When you died, I went thought this phase of losing my mommyness. I know that isn’t a real word and I know I was still a mom, but losing you meant losing a part of my mommyness. Let me explain.
My body was set to your clock. I still woke up and still had your schedule, just no you. My ears were still geared for your cry, but no cry would come. My heart was still in need to hug you and kiss you, hold you, read to you, play with you, snuggle with you, but there was no you here. I lost a part of being a mom when you died. I lost my last born, my baby. You were learning to talk, I miss hearing your little voice as you said things like “mote” and your version of bubble guppies, I miss hearing you say Mommy and daddy, and call your sisters. I lost a part of my Mommyness.
I felt physical changes in the first few months. In the beginning I could hear a cry or a little voice like yours and it was soul crushing. Tears would flood my eyes and my heart would once again be shattered into a trillion pieces. I would ache for you and it was a raw pain that is undescribed, then one day, my ears stopped. They didn’t hear the sounds of little people anymore. I was no longer in that mode of mommyness. The ringing that would occur for your call, your voice, your moving around, just stopped. That was the worse feeling of all. My body was adjusting to you no longer needing me. How could you no longer need your mommy? How could you no longer need my body that was designed perfectly to care for you? I walked around for months feeling like I was forgetting something. I forgot to eat, I forgot to get out of bed, I forgot to take a shower, I forgot to live because all I wanted to do was die. I was not forgetting anything at all, it was in those moments that it was painfully real that your were gone.

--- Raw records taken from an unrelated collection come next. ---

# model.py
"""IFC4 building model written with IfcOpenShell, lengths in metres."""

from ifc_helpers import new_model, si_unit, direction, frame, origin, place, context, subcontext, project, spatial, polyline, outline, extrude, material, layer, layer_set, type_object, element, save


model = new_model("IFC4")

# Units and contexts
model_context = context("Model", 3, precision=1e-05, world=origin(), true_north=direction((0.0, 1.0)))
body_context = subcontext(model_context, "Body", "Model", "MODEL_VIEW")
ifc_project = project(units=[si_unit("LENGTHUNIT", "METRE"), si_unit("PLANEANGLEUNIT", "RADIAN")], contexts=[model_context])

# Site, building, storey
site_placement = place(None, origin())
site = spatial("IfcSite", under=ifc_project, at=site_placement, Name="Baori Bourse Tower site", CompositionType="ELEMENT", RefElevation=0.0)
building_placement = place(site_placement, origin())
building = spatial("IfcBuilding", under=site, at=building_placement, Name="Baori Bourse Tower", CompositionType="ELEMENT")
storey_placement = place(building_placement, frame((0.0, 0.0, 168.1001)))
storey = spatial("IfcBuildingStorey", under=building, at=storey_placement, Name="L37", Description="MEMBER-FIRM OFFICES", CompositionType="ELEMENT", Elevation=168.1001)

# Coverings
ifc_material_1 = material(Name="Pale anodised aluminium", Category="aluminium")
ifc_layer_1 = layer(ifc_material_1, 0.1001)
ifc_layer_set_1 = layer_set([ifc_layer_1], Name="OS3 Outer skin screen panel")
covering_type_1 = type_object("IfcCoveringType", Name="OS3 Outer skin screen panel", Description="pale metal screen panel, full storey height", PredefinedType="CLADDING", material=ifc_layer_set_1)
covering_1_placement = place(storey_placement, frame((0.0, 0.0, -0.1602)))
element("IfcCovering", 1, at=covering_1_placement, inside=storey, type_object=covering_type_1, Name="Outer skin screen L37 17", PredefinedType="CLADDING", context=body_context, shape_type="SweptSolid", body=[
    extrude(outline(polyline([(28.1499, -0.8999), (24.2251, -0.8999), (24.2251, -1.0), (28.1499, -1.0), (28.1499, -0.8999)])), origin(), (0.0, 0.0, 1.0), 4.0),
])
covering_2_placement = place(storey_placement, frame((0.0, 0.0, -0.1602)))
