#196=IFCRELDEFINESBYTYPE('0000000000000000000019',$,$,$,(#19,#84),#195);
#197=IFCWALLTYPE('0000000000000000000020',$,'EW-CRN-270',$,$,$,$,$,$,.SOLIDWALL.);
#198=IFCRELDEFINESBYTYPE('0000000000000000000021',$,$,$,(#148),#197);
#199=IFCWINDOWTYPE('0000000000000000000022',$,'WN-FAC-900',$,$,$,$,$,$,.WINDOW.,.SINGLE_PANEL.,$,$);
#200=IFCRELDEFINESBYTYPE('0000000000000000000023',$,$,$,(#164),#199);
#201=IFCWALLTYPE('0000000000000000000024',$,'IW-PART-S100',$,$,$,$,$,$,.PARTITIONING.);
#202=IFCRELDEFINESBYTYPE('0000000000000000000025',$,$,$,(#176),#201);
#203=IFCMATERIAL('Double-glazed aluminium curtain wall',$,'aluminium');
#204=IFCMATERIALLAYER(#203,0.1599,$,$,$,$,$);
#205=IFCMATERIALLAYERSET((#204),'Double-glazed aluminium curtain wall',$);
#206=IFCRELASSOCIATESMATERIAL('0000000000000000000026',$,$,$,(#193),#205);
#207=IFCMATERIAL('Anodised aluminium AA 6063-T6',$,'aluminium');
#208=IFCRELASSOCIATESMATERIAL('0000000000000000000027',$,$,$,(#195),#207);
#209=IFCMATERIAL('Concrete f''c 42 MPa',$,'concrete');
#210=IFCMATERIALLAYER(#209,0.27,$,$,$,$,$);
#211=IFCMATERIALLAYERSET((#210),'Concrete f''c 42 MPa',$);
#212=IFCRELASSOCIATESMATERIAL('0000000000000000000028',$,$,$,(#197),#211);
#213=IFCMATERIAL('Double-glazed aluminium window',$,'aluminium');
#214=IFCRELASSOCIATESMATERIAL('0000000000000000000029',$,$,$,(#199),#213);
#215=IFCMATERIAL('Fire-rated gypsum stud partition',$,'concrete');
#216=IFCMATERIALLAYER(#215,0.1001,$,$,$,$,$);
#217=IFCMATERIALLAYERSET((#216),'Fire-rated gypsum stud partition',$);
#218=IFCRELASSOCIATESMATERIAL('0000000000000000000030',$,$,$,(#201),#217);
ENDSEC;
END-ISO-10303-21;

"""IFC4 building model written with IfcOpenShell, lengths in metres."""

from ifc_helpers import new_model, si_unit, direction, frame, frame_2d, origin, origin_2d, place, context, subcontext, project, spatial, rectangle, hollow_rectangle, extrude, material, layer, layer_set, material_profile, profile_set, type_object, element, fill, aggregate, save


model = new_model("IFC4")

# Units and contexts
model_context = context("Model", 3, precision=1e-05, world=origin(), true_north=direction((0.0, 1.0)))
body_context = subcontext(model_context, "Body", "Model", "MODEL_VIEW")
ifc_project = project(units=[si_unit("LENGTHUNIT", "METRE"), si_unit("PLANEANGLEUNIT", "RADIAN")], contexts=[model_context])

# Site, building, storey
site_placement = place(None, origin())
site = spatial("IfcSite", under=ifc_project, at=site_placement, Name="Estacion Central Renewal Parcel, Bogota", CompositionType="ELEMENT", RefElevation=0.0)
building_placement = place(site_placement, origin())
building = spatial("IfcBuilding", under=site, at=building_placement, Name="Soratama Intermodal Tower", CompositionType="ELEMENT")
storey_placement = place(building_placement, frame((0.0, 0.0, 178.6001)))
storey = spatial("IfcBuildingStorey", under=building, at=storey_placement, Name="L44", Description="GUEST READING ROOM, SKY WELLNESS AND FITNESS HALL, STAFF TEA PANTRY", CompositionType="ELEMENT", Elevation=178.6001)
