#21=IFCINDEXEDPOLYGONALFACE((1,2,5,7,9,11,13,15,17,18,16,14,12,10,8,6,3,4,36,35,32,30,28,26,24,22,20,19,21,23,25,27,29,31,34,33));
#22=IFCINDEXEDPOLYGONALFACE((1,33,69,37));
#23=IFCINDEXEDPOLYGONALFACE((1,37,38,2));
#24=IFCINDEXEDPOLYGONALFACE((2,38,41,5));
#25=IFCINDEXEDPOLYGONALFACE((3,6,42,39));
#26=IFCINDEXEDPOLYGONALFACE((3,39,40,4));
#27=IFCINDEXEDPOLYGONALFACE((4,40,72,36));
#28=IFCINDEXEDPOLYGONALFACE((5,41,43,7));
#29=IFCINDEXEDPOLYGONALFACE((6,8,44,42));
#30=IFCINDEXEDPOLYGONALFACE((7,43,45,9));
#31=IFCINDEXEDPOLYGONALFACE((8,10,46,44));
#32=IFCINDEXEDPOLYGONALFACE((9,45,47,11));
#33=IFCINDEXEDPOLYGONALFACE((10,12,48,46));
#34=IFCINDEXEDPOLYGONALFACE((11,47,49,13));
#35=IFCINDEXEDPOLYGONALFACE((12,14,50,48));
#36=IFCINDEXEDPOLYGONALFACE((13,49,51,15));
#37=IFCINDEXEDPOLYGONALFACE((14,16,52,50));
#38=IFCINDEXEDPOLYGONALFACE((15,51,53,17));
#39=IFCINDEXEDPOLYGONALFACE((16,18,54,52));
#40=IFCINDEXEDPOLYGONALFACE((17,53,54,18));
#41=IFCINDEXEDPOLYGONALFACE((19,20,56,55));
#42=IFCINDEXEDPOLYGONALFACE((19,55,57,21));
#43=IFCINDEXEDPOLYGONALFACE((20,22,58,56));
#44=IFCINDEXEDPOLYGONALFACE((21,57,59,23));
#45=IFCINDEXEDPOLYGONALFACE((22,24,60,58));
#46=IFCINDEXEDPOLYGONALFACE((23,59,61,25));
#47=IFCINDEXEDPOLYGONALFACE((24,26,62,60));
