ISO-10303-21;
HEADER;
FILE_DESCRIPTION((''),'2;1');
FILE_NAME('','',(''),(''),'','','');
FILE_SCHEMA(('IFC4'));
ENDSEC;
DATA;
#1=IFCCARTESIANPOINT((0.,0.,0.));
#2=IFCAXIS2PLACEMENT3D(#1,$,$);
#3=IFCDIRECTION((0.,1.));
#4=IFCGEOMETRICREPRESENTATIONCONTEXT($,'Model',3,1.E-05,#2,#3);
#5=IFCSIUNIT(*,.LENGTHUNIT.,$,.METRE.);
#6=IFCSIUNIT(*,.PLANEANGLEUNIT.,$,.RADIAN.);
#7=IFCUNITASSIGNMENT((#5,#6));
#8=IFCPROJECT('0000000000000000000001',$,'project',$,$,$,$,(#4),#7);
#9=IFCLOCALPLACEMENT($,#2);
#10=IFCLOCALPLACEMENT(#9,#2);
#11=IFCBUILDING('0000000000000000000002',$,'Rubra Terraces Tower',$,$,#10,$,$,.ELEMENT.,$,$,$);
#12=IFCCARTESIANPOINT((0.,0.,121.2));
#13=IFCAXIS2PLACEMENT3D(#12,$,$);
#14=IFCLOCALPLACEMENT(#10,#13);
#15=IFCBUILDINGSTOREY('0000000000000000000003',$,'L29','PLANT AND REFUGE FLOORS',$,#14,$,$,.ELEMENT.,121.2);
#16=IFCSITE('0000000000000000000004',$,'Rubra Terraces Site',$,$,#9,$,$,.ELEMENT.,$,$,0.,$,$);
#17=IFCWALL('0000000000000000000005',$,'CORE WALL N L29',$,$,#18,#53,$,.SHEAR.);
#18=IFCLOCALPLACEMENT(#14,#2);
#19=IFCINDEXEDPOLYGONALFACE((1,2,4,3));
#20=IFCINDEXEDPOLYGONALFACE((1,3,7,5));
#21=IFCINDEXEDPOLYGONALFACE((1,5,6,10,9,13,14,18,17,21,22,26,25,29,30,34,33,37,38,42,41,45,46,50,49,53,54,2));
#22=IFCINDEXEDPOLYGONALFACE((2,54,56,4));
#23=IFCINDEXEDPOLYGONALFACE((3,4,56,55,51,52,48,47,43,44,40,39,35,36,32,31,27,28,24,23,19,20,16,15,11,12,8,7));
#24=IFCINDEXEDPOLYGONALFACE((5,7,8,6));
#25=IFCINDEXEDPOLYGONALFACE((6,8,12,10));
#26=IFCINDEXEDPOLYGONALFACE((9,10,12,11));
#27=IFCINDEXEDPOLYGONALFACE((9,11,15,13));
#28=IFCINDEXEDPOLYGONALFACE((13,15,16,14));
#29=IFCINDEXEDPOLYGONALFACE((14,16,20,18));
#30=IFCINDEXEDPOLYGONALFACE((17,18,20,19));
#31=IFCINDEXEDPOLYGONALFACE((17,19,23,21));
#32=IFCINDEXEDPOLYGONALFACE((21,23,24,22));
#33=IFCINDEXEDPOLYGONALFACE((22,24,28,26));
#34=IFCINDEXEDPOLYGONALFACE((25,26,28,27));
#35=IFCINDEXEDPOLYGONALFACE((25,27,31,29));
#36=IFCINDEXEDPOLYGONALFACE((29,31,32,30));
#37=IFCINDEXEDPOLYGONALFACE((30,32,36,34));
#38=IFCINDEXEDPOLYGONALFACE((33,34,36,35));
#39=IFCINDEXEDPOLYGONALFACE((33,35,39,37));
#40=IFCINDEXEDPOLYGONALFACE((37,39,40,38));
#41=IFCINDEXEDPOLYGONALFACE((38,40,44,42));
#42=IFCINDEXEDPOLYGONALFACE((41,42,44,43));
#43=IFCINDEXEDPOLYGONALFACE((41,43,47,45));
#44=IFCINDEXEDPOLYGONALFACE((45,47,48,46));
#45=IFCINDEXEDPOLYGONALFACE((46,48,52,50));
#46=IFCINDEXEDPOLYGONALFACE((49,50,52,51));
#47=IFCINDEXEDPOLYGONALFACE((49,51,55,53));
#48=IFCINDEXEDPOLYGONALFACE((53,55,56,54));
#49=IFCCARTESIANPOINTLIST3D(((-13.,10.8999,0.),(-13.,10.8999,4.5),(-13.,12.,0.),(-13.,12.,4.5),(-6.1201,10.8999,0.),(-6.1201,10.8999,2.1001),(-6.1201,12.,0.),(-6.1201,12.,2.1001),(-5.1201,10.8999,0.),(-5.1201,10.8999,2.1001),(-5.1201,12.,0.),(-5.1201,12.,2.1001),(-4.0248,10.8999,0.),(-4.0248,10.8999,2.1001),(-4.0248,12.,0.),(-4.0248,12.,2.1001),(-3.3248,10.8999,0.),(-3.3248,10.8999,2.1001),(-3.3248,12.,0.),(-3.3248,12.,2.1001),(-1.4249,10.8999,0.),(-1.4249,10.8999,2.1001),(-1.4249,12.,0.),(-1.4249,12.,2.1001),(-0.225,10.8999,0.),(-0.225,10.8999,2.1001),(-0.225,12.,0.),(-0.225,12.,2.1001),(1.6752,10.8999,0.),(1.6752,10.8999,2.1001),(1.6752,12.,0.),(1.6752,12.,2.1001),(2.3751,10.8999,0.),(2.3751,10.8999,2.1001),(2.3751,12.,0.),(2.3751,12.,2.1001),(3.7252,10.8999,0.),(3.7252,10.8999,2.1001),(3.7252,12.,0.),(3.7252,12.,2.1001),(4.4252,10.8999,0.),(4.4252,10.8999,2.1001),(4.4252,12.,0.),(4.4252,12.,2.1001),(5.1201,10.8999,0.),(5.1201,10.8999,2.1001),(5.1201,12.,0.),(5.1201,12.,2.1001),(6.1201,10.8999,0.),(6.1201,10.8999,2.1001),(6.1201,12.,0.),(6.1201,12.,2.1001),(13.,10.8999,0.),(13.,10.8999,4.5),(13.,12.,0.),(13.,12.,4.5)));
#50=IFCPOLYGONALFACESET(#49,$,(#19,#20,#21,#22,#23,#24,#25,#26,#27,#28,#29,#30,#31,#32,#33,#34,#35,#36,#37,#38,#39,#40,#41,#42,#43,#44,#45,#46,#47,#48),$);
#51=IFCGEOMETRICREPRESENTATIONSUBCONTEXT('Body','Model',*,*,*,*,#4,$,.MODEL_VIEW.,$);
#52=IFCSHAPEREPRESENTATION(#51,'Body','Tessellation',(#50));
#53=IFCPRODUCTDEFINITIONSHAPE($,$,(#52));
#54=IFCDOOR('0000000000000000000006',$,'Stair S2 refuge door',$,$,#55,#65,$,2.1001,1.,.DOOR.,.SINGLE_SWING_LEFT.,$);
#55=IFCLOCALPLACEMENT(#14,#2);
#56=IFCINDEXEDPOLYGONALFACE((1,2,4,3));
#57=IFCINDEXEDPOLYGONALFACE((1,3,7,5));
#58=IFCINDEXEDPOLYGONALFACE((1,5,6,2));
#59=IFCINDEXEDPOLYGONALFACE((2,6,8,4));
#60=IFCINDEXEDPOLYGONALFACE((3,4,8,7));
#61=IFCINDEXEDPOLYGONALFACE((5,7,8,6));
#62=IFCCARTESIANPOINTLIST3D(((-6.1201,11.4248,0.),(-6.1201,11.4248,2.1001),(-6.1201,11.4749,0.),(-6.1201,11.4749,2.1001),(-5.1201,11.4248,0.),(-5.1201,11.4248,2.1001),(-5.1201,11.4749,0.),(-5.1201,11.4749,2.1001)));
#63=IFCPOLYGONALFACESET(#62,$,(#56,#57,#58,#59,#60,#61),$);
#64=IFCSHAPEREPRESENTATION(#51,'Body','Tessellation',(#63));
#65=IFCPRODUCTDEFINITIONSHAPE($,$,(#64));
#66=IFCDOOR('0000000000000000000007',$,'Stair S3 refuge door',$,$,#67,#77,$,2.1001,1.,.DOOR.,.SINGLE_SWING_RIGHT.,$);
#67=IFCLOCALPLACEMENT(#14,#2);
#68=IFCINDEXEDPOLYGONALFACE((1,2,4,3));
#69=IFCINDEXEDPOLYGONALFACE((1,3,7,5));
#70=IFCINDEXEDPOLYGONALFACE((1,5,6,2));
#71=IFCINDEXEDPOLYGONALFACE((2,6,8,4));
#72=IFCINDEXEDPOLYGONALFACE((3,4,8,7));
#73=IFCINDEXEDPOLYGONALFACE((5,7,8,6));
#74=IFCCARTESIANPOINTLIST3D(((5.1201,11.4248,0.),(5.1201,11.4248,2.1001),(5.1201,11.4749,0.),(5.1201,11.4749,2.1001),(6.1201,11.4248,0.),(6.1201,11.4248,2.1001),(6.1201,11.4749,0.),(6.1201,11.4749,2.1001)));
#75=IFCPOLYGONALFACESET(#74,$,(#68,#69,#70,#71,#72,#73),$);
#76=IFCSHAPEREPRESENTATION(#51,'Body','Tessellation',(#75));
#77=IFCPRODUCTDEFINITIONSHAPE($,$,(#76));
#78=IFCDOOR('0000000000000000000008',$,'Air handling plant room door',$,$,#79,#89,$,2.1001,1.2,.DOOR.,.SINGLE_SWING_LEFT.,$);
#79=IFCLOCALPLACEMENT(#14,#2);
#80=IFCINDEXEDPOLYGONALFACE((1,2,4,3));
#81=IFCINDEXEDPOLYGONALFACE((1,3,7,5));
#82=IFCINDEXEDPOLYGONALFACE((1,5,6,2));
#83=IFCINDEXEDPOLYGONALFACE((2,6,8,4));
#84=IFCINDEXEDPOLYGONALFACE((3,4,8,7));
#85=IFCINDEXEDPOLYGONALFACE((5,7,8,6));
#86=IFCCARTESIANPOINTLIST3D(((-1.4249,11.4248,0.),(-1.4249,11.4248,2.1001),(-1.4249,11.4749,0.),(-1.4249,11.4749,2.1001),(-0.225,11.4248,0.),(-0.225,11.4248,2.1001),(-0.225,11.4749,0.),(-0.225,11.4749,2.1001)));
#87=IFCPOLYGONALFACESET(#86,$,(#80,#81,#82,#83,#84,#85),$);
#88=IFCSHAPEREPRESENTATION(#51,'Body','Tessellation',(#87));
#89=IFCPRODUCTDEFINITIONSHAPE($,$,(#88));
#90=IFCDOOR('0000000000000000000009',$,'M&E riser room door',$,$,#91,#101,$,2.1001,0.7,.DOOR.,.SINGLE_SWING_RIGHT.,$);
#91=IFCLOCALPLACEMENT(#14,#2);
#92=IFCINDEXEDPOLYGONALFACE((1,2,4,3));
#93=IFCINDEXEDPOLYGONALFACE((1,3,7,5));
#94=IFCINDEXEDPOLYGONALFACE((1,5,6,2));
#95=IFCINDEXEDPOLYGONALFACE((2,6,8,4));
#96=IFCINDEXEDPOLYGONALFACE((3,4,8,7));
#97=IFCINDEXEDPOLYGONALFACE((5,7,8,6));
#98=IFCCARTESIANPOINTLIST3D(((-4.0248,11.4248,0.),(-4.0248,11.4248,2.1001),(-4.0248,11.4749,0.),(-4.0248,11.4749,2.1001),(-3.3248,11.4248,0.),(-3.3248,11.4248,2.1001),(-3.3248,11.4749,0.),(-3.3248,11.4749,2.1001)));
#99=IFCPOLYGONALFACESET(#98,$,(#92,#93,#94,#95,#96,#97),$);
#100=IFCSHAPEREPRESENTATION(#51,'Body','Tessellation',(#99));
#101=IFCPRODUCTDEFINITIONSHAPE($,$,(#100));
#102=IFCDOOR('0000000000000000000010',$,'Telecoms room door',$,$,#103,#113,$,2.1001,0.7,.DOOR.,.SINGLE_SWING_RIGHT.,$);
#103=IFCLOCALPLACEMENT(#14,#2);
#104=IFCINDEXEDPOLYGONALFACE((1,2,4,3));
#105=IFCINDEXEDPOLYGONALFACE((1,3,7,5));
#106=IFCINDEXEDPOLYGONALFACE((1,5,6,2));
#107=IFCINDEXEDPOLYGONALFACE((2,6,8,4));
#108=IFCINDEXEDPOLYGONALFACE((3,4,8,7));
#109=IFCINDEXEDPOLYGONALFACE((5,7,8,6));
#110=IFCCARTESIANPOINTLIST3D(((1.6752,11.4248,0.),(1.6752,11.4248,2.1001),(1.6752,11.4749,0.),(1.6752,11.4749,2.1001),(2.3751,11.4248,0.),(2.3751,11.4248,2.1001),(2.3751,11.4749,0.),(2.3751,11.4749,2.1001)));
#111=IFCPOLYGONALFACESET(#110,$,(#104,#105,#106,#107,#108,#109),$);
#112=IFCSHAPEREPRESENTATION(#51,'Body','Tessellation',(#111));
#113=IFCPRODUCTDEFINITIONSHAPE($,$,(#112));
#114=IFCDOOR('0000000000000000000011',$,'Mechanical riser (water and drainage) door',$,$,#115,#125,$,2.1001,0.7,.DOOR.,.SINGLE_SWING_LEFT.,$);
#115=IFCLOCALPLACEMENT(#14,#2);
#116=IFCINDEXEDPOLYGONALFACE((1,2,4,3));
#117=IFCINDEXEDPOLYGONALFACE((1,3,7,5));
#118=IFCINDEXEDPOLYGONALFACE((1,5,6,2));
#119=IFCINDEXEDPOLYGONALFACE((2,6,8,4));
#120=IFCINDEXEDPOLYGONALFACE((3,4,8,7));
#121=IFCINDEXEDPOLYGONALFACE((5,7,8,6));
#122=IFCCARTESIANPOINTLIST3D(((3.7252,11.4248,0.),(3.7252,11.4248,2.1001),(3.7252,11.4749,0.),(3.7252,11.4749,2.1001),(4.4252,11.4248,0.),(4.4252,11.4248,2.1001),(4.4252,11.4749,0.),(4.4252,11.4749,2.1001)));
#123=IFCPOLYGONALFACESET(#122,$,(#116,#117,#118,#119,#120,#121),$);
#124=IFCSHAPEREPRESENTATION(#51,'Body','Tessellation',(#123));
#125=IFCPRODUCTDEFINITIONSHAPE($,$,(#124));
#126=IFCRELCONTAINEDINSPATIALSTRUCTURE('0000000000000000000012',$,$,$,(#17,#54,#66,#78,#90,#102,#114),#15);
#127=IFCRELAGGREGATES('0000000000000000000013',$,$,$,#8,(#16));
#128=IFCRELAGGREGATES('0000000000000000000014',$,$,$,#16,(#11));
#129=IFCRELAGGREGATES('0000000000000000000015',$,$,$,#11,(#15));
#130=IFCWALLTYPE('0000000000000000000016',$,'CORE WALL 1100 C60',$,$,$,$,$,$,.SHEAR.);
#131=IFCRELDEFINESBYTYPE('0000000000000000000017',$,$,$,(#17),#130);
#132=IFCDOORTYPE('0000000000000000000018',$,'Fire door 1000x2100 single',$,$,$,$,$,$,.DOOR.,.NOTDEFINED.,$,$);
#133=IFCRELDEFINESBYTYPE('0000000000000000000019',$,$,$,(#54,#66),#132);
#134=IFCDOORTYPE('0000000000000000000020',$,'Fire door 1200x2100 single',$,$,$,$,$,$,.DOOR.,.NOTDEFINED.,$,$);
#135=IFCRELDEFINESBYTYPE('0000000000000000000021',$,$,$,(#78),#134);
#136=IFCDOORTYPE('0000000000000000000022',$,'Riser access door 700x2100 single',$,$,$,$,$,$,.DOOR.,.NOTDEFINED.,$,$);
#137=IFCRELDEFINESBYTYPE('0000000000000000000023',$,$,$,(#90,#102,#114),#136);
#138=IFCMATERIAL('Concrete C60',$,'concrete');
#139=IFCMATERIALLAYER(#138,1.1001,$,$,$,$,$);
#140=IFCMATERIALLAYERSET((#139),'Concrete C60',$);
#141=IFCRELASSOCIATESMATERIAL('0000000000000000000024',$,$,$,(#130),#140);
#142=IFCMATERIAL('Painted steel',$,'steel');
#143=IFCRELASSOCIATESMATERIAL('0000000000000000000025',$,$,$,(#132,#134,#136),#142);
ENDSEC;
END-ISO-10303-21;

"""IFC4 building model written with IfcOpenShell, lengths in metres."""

from ifc_helpers import new_model, si_unit, direction, frame, frame_2d, origin, place, context, subcontext, project, spatial, rectangle, extrude, material, layer, layer_set, type_object, element, fill, save


model = new_model("IFC4")

# Units and contexts
model_context = context("Model", 3, precision=1e-05, world=origin(), true_north=direction((0.0, 1.0)))
body_context = subcontext(model_context, "Body", "Model", "MODEL_VIEW")
ifc_project = project(units=[si_unit("LENGTHUNIT", "METRE"), si_unit("PLANEANGLEUNIT", "RADIAN")], contexts=[model_context])

# Site, building, storey
site_placement = place(None, origin())
site = spatial("IfcSite", under=ifc_project, at=site_placement, Name="Rubra Terraces Site", CompositionType="ELEMENT", RefElevation=0.0)
building_placement = place(site_placement, origin())
building = spatial("IfcBuilding", under=site, at=building_placement, Name="Rubra Terraces Tower", CompositionType="ELEMENT")
storey_placement = place(building_placement, frame((0.0, 0.0, 121.2)))
storey = spatial("IfcBuildingStorey", under=building, at=storey_placement, Name="L29", Description="PLANT AND REFUGE FLOORS", CompositionType="ELEMENT", Elevation=121.2)

# Shared definitions
ifc_material_1 = material(Name="Concrete C60", Category="concrete")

I can’t believe that I just had my second Thanksgiving without you. To be real about things, I don’t really remember last year. I look back today and wonder how on earth I made it last year. How did we still have family over for dinner? How did I get two Christmas trees up and host a Christmas Eve family function? What on earth did I get your brothers and sisters for Christmas? I guess Santa still came. I have found things as I was getting decorations out that I have no idea where they came from . Last year it is one giant fog and at the same time a very painful process. It was a time where I was dying a very slow and agonizing death. I was losing some of my mommy-ness. I became sensitive to the post that say “well my kids are still alive, parental success today”. I became sensitive to seeing other people children’s pics sleeping. I was realizing that I am an empty shell and a mom of a child in heaven. Christmas was right there and I missed it all. I was physically present and totally crushed. Empty arms, empty smile, and I think there were a lot of tears. I can’t remember. The only thing I know for sure is that you were gone and a part of my mommyness was too.
I still struggle to believe that this has happened to us. Wade and I are the picture of marriage done right. We love so deeply, we are respectful, caring and humble. We are the people that deserve to be happy. We deserve to get to have our children. We wanted you. We would have scarified everything for you and your brothers and sisters. All I ever wanted to be, growing up, was the best mom on the earth. I wanted to love with all my might, care and guide. To be a success on this earth meant to me, that I would have a joyful marriage with wonderful, healthy, happy kids. When you died, my life long goal of being the best mom on earth died too. My mommyness died. I am not who I wanted to be, not even close. I am in a joyful marriage with wonderful, healthy, happy kids and one who is dead from a corded window blind that was hanging in my home.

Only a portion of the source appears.